The only reason I mention it is that you said that line had material impact to runtime - can’t hurt to try something else.

I had, and using the built-in abs() or fabs() caused quite a large impact on the speed. Since I didn’t generate the ASM code to see the difference, I don’t have any idea on why it was so much slower.

Then, surprisingly I experienced another drop just by switching the standard 4 bytes shared memory bank to 8 bytes so I could work with double precision to delay overflow of the accumulator. I replaced the assignment with ternary operator to the form you copied (which looks cleaner anyway) and the 8 bytes absolute reduction performed as fast as the conventional 4 bytes reduction.

Looking at NVVP, the reduction is more memory-bound than computation, so I thought using the abs/fabs() functions wouldn’t impact, but that was not the case.
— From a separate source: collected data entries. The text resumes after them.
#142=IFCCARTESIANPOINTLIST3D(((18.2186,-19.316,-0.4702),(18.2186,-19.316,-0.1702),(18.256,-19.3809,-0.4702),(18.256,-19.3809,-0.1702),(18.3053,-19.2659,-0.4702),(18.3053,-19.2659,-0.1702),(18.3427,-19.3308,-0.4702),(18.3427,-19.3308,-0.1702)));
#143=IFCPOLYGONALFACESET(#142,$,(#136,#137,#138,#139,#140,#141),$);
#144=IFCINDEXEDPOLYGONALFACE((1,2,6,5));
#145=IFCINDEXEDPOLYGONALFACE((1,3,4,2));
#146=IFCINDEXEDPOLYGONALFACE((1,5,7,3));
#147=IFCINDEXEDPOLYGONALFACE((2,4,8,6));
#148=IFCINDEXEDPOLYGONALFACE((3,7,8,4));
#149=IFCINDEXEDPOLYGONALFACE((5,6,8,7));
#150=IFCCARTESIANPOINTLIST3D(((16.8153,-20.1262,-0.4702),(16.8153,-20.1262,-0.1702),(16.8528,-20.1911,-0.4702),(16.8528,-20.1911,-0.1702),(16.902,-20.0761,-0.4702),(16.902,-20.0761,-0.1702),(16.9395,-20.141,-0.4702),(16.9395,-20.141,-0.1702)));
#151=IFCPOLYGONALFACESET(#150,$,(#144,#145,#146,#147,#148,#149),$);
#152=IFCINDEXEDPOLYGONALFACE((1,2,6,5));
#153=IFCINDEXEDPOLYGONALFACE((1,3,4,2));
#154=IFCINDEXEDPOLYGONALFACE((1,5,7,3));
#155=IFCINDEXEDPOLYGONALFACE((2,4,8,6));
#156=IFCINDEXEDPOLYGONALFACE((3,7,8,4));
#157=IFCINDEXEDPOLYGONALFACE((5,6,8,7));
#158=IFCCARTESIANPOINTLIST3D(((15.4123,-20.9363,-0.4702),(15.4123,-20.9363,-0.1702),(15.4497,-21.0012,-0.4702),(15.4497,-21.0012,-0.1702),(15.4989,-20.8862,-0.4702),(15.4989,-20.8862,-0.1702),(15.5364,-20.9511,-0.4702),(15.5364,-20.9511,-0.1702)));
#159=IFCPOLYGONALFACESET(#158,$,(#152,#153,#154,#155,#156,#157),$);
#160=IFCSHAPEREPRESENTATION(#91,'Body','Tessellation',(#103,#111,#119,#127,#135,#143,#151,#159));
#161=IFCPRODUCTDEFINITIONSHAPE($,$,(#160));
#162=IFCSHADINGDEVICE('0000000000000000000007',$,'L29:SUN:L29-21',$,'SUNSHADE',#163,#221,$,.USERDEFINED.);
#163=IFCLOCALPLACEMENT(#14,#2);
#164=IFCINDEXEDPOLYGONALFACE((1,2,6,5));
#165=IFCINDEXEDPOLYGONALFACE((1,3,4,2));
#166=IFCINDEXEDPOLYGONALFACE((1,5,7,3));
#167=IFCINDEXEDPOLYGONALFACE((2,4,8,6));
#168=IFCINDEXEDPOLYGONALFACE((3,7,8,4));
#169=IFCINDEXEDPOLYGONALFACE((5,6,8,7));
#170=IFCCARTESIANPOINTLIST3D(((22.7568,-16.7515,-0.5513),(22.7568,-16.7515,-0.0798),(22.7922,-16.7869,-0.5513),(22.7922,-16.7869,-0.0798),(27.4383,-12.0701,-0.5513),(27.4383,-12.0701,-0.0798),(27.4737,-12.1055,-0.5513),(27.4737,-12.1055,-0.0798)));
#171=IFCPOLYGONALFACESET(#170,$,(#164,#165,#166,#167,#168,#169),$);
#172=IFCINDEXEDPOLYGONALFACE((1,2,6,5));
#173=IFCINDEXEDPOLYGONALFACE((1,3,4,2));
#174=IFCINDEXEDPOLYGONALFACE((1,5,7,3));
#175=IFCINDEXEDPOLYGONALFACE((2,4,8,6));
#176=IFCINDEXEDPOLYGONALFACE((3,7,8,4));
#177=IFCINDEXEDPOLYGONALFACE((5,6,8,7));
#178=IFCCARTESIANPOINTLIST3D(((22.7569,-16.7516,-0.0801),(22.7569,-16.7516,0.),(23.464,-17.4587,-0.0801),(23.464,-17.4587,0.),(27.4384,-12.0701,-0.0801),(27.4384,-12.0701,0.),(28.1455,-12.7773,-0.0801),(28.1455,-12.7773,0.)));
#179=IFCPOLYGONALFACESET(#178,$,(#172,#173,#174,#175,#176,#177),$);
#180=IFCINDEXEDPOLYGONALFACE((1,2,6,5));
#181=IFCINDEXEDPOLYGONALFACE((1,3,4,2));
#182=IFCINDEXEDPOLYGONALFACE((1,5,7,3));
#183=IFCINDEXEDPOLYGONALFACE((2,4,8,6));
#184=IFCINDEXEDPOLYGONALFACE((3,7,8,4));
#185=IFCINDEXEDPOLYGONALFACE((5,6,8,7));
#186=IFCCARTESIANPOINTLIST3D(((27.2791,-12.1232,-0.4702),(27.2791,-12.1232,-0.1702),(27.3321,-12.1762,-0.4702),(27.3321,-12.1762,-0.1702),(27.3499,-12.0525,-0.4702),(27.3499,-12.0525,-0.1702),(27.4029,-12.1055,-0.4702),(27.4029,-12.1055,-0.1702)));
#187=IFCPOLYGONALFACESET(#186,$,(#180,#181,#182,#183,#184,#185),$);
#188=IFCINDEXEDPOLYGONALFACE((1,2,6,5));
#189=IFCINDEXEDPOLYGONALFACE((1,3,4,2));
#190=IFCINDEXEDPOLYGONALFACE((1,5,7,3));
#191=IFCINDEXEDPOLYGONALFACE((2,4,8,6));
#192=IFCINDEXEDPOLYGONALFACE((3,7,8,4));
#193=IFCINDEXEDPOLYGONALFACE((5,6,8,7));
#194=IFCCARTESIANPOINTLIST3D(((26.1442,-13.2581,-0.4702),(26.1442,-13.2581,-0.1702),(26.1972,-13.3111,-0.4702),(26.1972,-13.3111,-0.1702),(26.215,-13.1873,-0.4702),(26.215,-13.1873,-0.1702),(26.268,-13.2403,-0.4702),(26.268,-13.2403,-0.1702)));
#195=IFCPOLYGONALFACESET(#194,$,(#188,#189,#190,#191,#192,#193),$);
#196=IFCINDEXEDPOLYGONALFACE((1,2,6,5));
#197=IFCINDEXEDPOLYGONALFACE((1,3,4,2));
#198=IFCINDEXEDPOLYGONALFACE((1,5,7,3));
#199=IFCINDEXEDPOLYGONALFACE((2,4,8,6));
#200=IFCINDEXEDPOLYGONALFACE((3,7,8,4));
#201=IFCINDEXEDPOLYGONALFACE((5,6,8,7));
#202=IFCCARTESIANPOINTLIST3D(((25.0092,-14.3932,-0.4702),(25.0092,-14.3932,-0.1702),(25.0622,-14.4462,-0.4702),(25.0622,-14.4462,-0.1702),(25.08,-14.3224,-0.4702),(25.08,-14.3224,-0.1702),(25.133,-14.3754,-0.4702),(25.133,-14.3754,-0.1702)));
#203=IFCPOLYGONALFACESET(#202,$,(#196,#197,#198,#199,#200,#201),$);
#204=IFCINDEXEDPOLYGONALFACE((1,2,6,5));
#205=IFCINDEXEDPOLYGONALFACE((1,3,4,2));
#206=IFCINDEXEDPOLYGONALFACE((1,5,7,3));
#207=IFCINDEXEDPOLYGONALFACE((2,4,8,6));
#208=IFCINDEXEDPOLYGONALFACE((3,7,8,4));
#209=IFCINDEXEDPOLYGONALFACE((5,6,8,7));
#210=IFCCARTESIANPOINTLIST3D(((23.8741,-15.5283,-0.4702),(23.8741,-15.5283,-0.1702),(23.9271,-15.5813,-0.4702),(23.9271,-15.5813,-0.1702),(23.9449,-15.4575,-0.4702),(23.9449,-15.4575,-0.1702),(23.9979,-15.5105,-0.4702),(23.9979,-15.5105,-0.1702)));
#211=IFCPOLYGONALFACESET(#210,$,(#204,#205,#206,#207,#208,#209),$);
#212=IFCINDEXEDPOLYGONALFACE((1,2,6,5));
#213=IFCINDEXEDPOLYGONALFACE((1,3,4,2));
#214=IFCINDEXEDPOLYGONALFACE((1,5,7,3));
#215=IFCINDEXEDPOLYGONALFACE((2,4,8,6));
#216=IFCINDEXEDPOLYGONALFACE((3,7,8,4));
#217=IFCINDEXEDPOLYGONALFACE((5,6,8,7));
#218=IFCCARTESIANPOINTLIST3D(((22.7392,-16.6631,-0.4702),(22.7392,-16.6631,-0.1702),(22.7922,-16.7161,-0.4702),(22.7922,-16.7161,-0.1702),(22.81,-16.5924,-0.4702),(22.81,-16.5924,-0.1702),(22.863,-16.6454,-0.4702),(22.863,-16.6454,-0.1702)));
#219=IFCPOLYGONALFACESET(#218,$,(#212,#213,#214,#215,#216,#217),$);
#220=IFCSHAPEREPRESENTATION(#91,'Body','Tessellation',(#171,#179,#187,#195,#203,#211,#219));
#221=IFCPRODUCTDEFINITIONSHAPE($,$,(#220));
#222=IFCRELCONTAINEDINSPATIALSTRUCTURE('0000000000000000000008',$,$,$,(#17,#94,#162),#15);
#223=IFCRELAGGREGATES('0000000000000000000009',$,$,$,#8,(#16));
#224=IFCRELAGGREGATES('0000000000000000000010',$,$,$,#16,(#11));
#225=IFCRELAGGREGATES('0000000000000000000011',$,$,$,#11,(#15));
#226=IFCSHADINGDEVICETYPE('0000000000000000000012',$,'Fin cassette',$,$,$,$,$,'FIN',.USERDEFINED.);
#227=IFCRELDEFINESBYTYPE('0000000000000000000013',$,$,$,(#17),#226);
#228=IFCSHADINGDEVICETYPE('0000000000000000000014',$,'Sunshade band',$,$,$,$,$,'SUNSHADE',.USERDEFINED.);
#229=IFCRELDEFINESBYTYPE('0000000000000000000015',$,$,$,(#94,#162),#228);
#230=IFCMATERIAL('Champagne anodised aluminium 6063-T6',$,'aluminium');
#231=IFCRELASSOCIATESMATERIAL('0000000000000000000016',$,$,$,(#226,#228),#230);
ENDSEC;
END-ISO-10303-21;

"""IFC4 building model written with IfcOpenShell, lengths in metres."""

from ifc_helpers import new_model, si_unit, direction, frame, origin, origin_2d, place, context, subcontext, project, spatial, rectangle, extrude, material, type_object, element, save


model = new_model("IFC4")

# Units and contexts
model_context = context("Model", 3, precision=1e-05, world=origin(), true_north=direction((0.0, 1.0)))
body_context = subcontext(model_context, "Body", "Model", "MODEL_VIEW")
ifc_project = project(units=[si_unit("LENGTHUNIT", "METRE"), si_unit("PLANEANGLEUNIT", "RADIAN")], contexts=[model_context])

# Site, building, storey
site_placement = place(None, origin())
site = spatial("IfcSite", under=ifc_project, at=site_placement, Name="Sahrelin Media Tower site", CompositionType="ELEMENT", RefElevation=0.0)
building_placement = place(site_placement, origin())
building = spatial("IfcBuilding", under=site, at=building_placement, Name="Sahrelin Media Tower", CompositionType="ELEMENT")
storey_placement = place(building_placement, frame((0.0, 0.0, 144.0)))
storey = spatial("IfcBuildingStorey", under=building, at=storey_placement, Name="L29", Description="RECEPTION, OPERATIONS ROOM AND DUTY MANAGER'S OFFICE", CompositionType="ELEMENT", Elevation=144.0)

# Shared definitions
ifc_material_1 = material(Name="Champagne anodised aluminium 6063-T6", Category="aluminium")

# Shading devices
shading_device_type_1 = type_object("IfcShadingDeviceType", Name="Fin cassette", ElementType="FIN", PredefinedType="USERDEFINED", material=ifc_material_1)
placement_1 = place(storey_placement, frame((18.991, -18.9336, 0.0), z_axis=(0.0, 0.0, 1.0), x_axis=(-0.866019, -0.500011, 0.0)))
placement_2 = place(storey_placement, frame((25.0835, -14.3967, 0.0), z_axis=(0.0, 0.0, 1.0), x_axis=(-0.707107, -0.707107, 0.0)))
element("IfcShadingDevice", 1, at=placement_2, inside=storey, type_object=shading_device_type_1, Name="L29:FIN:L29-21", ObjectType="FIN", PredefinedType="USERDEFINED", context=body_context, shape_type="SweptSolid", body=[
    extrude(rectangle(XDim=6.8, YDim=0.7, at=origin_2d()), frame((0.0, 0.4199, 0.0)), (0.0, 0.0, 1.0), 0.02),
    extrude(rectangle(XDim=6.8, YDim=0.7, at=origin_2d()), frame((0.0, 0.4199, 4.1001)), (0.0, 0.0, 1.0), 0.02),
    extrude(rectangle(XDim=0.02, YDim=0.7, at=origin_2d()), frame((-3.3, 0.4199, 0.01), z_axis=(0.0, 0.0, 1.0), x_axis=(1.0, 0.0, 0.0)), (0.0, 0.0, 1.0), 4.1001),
Don’t really know why, but hey, if it works, it works.

Sorry for a reply to this topic over 2 years later. Regarding the shared memory bank conflict, I encounter a problem and really need your guy’s help.

I understand the content above that setting bank bandwidth to 64 bit is only useful for double data, what if I make a mapping that 8 bytes uint8_t data integrate into a double data, and put it in the shared memory. When I accessing it, the 64-bits data could be accessed completely, I could disintegrate the double to 8 uint8_t and utilize these 8 uint8_t to accelerate the computing? Can this scheme avoid bank conflict and make most of the shared memory?

One of the takeaways from above is that the 8-byte bank mode is only present on Kepler devices. Those are the oldest currently supported GPUs (and support for cc3.0 kepler devices has already been dropped from CUDA 11). Unless you have a Kepler device, you should disregard this discussion. Since no GPUs beyond Kepler have incorporated this, it may not be worth your time to build production code based on this feature.

Otherwise, yes, for a Kepler device, you could set 8-byte bank mode and cast any 8-byte type (such as a uint8_t vector type) to any other 8-byte type (such as unsigned long long).

Also, this isn’t primarily about eliminating bank conflicts, but instead is about maximizing shared memory bandwidth for Kepler devices.